My husband (in his early Fifties) came in at 47 years old, my ten-year-old son scored an impressive 25 years old, and I managed to drop down to 30 from my real 50. So everyone is happy. With this verdict I happily concluded that I could hold out even longer and still not go for bifocal lenses, although I am having problems with seeing up close etc, and I have been shifting my glasses to the tip of my nose for several years now. It was getting to the point where the balance was getting precarious. I do have reading glasses, and sometimes I even know where they are. And I have a pair for driving in the car, which is absolutely useless for looking at anything closer than four feet away, and seems to be not the correct strength anymore.
But what I did last week turned out to be a really brilliant move – I went through my old glasses, most of which I kept for whatever reason, and looked at them to find out which could perhaps be refitted with new lenses, to save on buying a new frame, should I decide to get something done. And I tried them on. And lo and behold – one pair, which I must have worn just about when I was around thirty, turned out to be much better than the one I had been fidgeting with recently.
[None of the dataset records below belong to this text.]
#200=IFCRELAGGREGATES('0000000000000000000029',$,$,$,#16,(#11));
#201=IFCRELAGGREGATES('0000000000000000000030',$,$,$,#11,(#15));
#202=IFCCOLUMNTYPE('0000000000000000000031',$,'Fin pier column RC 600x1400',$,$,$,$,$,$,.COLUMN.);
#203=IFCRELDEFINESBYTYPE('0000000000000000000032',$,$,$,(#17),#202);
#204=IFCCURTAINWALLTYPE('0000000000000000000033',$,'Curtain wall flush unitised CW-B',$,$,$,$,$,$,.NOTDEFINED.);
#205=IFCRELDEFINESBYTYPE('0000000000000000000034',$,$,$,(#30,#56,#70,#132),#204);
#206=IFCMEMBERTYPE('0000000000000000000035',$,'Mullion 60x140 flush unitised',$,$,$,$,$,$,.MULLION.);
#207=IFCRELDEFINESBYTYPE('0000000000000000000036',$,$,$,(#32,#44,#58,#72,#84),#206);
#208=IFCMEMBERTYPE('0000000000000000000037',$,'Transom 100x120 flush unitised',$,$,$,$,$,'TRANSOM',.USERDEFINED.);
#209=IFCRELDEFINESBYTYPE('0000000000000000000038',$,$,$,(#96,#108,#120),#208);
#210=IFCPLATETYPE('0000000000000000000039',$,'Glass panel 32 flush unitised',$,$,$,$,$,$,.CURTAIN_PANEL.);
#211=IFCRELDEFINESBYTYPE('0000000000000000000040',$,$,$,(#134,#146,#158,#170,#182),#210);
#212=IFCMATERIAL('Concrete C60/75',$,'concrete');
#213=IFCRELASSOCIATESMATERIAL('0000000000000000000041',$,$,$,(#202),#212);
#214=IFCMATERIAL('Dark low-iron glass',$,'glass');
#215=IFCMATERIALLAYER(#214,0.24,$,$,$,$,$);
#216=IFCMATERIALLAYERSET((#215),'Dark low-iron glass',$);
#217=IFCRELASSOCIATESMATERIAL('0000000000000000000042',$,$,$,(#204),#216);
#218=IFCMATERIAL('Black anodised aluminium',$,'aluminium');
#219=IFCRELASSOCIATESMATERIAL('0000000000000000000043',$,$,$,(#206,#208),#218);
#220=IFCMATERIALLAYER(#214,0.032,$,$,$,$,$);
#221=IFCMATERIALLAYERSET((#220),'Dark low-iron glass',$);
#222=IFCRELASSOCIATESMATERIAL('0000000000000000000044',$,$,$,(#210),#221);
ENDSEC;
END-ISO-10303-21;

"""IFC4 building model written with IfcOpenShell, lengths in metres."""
They don’t really look that much different than the other ones – except for the rim. Yet my son thinks I look older with these than before – but what do I care! Saved us a couple of hundred euros, I can see better, and that magic mark of ‘30’ somehow seems even stronger!

Then I severely hurt my toe while taking the inventory of my fabrics, when I managed to get the toe nail caught with some edge of one of the plastic boxes the fabrics are stored in. Blood, ooze, pain – what have you. Difficulties of getting into my shoes, and certainly no intensive sports for a while. Glad I’d finished my hiking adventures in NZ before I did this! So when we had a really nice and sunny day today, and I could not go for a walk, I pulled out the deck chair from winter storage and took myself outside onto the terrace.



Trying out various knitting patterns is easy enough to do out there, for a project that is hovering on my mind just now.
But I am sewing, too. Working on a piece for one of the ‘International Threads’ challenges and uses embroidered squares from the Afghanistan project. But as that’s still very much in process, I won’t post anything about that yet. And I made up my mind that the two quilts that recently got rejected from SAQA shows 'My corner of the world' and 'Migration' will be re-entered for Wide Horizons. Perhaps they'll get accepted there.


School holidays end tomorrow, much to the dismay of my son. 

2 comments:

  1. When you do go for new glasses, you might want to consider varifocals instead of bifocals. Some people say they have a hard time getting used to them, but this might be because they insist on moving their eyes instead of their head! It's a little something you have to get used to.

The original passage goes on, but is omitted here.